Rotary and up-cut shear knives
ESD treatment enhances the wear resistance of knives for edge trimming and slitting of heavy gage strips and plates. Cracks and fissures formed during edge trimming or shearing operations, initiate deterioration of the cutting edges, often leading to chipping of the edges. Surface deposition of super alloys on the reground shears and rotary knives, seals some these cracks. These hard alloys on the cutting edge also resist the abrasion wear due to the cut coil edge. The lifetime of treated cutting edge is prolonged by at least 100%.
Grips Used in Testing Laboratories
Grips used for pulling specimen in universal tensile testing machines are worn beyond further use by galling and wear due to constant pulling against high forces. These are resurfaced with super alloys and carbides to restore their gripping capability. ESD process increases the lifetime and extends the usability of grips.
High speed screw machines use feed fingers, pusher pads, collets, to hold and push work pieces. Due to the high speed of machining, the pressure required to hold the work piece is high. The relative movement between the holding device and work piece causes wear of the holding device that becomes undersized. The ESD process restores the dimensions of the worn holding devices. The surface hardness is also increased for better gripping power and lower collet pressure.
Stretcher Leveller Jaws
The teeth of the stretcher jaws used in flattening super alloys, and high performance steel sheets, are subjected to high wear. The worn teeth of the jaws are resurfaced with hard super alloys. The ESD process restores the hardness of clamping jaws and the tooth geometry to provide the required grip.
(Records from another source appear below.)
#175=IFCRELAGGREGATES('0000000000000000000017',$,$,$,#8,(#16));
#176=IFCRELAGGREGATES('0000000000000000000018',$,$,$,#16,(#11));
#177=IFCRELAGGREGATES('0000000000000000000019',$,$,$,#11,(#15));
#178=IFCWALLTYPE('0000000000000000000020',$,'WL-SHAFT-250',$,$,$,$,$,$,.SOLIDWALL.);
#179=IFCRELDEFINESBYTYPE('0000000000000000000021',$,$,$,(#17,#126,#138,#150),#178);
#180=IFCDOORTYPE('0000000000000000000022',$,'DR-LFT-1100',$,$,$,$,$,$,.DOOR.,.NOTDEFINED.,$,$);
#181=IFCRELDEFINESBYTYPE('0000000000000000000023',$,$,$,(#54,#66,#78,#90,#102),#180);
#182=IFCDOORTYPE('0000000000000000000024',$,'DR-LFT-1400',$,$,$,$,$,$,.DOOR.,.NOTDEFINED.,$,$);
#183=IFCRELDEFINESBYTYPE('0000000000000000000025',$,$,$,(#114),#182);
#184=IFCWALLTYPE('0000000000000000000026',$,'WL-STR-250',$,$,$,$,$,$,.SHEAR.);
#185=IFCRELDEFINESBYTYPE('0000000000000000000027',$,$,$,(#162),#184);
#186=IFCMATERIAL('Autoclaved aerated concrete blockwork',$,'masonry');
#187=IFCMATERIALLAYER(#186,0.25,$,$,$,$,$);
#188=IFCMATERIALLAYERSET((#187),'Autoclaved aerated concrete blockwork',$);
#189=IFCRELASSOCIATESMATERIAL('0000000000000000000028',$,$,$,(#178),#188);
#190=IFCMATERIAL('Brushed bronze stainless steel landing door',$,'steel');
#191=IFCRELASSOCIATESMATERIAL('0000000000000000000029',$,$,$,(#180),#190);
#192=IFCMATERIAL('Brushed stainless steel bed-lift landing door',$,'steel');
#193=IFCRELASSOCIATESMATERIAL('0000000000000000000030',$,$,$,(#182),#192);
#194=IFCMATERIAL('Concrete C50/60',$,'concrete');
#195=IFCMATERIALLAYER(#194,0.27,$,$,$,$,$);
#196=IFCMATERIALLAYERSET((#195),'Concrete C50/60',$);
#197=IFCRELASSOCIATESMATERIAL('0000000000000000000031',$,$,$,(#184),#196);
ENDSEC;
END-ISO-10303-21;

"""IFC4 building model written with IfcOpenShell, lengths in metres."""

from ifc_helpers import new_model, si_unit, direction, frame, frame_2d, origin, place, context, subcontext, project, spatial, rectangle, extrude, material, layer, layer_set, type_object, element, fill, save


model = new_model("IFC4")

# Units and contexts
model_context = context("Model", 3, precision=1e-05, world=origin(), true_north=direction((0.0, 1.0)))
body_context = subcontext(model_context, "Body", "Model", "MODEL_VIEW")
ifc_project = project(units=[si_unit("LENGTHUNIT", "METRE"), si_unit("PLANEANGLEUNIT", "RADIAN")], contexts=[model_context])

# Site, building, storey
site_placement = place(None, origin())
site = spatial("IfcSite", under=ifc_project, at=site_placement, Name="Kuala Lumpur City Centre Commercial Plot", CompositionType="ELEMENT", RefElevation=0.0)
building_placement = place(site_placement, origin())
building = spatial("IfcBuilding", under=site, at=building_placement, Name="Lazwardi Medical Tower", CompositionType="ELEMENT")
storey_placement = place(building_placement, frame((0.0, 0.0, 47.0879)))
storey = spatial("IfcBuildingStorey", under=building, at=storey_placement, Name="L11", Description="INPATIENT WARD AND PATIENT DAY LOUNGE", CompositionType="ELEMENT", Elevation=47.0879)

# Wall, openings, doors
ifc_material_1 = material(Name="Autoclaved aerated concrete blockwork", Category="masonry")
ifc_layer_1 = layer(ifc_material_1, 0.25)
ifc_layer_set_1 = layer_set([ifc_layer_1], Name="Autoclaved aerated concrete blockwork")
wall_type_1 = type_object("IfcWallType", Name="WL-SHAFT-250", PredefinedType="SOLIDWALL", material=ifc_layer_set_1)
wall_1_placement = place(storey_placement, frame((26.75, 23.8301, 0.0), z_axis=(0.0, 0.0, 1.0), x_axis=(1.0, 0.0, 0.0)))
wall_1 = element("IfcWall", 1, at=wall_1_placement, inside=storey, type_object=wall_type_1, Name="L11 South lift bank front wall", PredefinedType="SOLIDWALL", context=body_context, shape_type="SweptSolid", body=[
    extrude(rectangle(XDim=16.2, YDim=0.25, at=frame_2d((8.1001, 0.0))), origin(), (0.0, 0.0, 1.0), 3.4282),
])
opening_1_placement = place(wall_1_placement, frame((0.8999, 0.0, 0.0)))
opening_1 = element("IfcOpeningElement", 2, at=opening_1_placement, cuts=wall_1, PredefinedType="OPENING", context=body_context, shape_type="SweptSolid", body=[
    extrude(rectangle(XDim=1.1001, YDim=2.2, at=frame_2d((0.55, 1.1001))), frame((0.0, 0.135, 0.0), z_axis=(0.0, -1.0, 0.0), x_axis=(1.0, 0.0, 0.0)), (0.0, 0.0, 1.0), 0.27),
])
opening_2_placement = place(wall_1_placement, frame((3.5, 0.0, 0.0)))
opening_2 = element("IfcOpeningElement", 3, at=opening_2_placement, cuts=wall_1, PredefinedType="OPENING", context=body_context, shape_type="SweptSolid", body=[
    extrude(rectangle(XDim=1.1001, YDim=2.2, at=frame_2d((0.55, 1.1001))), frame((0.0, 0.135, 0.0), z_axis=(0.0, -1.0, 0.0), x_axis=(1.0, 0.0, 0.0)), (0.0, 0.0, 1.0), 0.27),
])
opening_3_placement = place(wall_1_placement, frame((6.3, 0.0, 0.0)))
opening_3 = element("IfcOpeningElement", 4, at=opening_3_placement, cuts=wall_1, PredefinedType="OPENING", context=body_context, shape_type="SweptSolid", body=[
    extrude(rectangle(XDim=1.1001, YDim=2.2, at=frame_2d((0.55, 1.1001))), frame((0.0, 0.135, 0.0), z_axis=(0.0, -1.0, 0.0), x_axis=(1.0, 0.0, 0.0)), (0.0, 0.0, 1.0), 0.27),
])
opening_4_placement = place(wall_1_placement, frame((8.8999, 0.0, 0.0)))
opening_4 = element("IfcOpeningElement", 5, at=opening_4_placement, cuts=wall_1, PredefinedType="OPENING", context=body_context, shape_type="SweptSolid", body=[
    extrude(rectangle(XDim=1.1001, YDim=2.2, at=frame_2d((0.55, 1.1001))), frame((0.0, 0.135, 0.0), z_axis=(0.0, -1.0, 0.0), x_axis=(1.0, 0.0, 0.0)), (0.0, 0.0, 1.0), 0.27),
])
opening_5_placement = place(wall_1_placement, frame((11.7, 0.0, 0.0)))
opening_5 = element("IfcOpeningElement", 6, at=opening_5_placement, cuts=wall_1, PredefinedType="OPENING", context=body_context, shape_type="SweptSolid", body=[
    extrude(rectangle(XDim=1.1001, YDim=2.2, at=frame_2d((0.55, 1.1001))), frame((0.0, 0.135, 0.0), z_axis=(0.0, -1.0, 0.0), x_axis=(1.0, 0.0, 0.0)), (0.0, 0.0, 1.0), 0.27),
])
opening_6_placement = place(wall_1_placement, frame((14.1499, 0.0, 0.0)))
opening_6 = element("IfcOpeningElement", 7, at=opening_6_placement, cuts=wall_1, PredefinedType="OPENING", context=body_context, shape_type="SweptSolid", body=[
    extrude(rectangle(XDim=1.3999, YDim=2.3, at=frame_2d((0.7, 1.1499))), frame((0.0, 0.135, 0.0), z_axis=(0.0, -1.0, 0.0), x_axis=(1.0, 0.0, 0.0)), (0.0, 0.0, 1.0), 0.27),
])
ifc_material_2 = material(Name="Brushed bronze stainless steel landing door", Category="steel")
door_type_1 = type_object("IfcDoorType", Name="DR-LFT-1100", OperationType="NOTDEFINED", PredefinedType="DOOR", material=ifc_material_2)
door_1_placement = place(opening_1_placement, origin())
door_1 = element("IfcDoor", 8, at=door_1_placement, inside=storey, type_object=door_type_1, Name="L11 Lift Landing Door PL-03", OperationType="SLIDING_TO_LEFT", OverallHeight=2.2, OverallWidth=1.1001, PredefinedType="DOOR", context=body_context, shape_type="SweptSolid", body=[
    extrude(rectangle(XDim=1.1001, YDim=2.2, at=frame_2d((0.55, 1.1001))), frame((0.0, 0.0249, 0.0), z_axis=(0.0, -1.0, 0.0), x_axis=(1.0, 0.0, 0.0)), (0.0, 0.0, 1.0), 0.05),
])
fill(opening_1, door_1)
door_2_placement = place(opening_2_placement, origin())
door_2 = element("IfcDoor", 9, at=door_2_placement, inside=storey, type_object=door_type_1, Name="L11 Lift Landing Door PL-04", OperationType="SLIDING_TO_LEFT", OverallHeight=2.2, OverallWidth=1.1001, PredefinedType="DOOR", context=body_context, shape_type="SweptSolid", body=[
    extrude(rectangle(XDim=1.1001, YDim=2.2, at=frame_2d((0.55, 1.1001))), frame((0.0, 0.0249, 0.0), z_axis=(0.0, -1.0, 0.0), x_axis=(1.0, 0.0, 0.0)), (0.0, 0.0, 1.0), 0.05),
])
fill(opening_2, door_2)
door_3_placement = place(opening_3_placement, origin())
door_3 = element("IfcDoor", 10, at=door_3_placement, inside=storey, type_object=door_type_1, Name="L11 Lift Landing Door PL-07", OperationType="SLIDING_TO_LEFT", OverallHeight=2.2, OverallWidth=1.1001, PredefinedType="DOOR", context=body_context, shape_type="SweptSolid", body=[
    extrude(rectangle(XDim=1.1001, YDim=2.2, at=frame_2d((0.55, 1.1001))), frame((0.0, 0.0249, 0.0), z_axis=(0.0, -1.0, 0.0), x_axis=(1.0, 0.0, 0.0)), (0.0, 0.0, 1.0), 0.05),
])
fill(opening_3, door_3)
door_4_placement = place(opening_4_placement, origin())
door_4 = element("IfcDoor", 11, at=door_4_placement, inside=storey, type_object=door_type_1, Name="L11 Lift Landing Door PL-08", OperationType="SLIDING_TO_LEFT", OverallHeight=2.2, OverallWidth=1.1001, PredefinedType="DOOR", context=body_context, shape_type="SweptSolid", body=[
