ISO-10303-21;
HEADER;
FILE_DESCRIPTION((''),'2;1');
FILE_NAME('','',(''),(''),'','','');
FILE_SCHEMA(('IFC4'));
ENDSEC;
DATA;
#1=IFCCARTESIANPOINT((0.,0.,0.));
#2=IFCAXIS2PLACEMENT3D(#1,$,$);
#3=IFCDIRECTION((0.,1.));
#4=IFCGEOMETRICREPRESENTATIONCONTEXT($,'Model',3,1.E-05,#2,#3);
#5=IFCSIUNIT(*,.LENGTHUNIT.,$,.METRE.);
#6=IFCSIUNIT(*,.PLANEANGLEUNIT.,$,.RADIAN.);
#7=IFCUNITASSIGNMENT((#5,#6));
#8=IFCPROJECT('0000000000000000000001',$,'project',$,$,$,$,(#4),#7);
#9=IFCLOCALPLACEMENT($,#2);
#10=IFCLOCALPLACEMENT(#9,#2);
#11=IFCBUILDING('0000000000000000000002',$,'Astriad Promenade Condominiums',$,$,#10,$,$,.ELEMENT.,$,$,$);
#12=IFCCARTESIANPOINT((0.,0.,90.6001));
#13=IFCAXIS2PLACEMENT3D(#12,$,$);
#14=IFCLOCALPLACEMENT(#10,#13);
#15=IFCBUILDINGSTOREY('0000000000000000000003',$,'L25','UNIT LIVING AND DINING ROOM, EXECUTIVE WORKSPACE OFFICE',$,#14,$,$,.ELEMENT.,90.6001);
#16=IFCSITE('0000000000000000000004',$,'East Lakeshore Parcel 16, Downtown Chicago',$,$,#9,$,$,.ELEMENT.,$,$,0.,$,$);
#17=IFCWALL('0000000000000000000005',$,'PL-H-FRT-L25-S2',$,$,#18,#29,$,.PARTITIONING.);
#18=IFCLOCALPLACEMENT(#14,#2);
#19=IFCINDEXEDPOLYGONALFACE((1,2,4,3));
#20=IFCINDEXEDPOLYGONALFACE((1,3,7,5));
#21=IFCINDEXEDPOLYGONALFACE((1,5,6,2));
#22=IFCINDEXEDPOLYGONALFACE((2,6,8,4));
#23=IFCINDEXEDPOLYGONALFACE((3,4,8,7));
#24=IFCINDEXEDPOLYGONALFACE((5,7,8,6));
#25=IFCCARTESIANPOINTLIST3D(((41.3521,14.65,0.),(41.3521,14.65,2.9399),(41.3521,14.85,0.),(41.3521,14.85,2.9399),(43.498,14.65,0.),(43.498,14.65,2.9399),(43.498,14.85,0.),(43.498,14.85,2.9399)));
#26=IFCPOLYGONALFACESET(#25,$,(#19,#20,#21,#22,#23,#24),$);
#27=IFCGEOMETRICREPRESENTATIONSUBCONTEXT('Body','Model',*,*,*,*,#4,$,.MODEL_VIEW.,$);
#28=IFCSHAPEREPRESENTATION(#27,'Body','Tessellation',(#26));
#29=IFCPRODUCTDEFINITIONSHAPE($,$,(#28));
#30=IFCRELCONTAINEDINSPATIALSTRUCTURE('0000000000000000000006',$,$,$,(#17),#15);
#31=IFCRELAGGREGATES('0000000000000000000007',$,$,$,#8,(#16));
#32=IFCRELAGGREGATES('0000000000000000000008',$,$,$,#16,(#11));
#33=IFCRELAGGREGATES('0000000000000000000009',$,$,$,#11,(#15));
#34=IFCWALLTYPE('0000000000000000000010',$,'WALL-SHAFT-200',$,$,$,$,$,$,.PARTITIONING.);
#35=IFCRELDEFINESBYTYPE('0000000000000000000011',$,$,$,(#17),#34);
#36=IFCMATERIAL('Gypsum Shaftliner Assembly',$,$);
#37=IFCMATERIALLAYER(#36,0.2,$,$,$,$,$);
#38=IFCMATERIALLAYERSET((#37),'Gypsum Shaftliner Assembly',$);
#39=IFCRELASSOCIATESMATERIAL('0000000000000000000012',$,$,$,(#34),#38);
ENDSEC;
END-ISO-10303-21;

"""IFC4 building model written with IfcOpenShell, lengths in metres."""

from ifc_helpers import new_model, si_unit, direction, frame, frame_2d, origin, place, context, subcontext, project, spatial, rectangle, extrude, material, layer, layer_set, type_object, element, save


model = new_model("IFC4")

# Units and contexts
model_context = context("Model", 3, precision=1e-05, world=origin(), true_north=direction((0.0, 1.0)))
body_context = subcontext(model_context, "Body", "Model", "MODEL_VIEW")
ifc_project = project(units=[si_unit("LENGTHUNIT", "METRE"), si_unit("PLANEANGLEUNIT", "RADIAN")], contexts=[model_context])

# Site, building, storey
site_placement = place(None, origin())
site = spatial("IfcSite", under=ifc_project, at=site_placement, Name="East Lakeshore Parcel 16, Downtown Chicago", CompositionType="ELEMENT", RefElevation=0.0)
building_placement = place(site_placement, origin())
building = spatial("IfcBuilding", under=site, at=building_placement, Name="Astriad Promenade Condominiums", CompositionType="ELEMENT")
storey_placement = place(building_placement, frame((0.0, 0.0, 90.6001)))
storey = spatial("IfcBuildingStorey", under=building, at=storey_placement, Name="L25", Description="UNIT LIVING AND DINING ROOM, EXECUTIVE WORKSPACE OFFICE", CompositionType="ELEMENT", Elevation=90.6001)

# Wall
ifc_material_1 = material(Name="Gypsum Shaftliner Assembly")
ifc_layer_1 = layer(ifc_material_1, 0.2)
ifc_layer_set_1 = layer_set([ifc_layer_1], Name="Gypsum Shaftliner Assembly")
wall_type_1 = type_object("IfcWallType", Name="WALL-SHAFT-200", PredefinedType="PARTITIONING", material=ifc_layer_set_1)
for number, where, z_axis, x_axis, name in (
    (1, (41.3521, 14.75, 0.0), (0.0, 0.0, 1.0), (1.0, 0.0, 0.0), "PL-H-FRT-L25-S2"),
):
    element("IfcWall", number, at=place(storey_placement, frame(where, z_axis=z_axis, x_axis=x_axis)), inside=storey, type_object=wall_type_1, Name=name, PredefinedType="PARTITIONING", context=body_context, shape_type="SweptSolid", body=[
        extrude(rectangle(XDim=2.146, YDim=0.2, at=frame_2d((1.073, 0.0))), origin(), (0.0, 0.0, 1.0), 2.9399),
    ])

save(model, "model.ifc")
The reconditioned stretch leveler jaws grip better.
Chuck jaws hardened by the ESD treatment, not only provide a better grip but also withstand severe shearing torque. The hardened surface maintains its original configuration.
Tongs used for lifting hot forging stock and slabs for rolling are subjected to high temperatures and wear. The ESD process deposits super alloys containing cobalt and chromium on the tips of the tongs that prolongs the tong's lifetimes significantly. The worn tong tips are restored to provide superior grip.
Guide and Feed Rolls
Guide rolls are used in rolling and processing of metals and for feeding rolls in spring manufacture. These are often subjected to severe erosion and galling. Surface treatment by the ESD process prolongs the life of these rolls. In high speed coiling of round wire springs, deposition of hard material to the wire grooves decreases slippage and increases free length accuracy.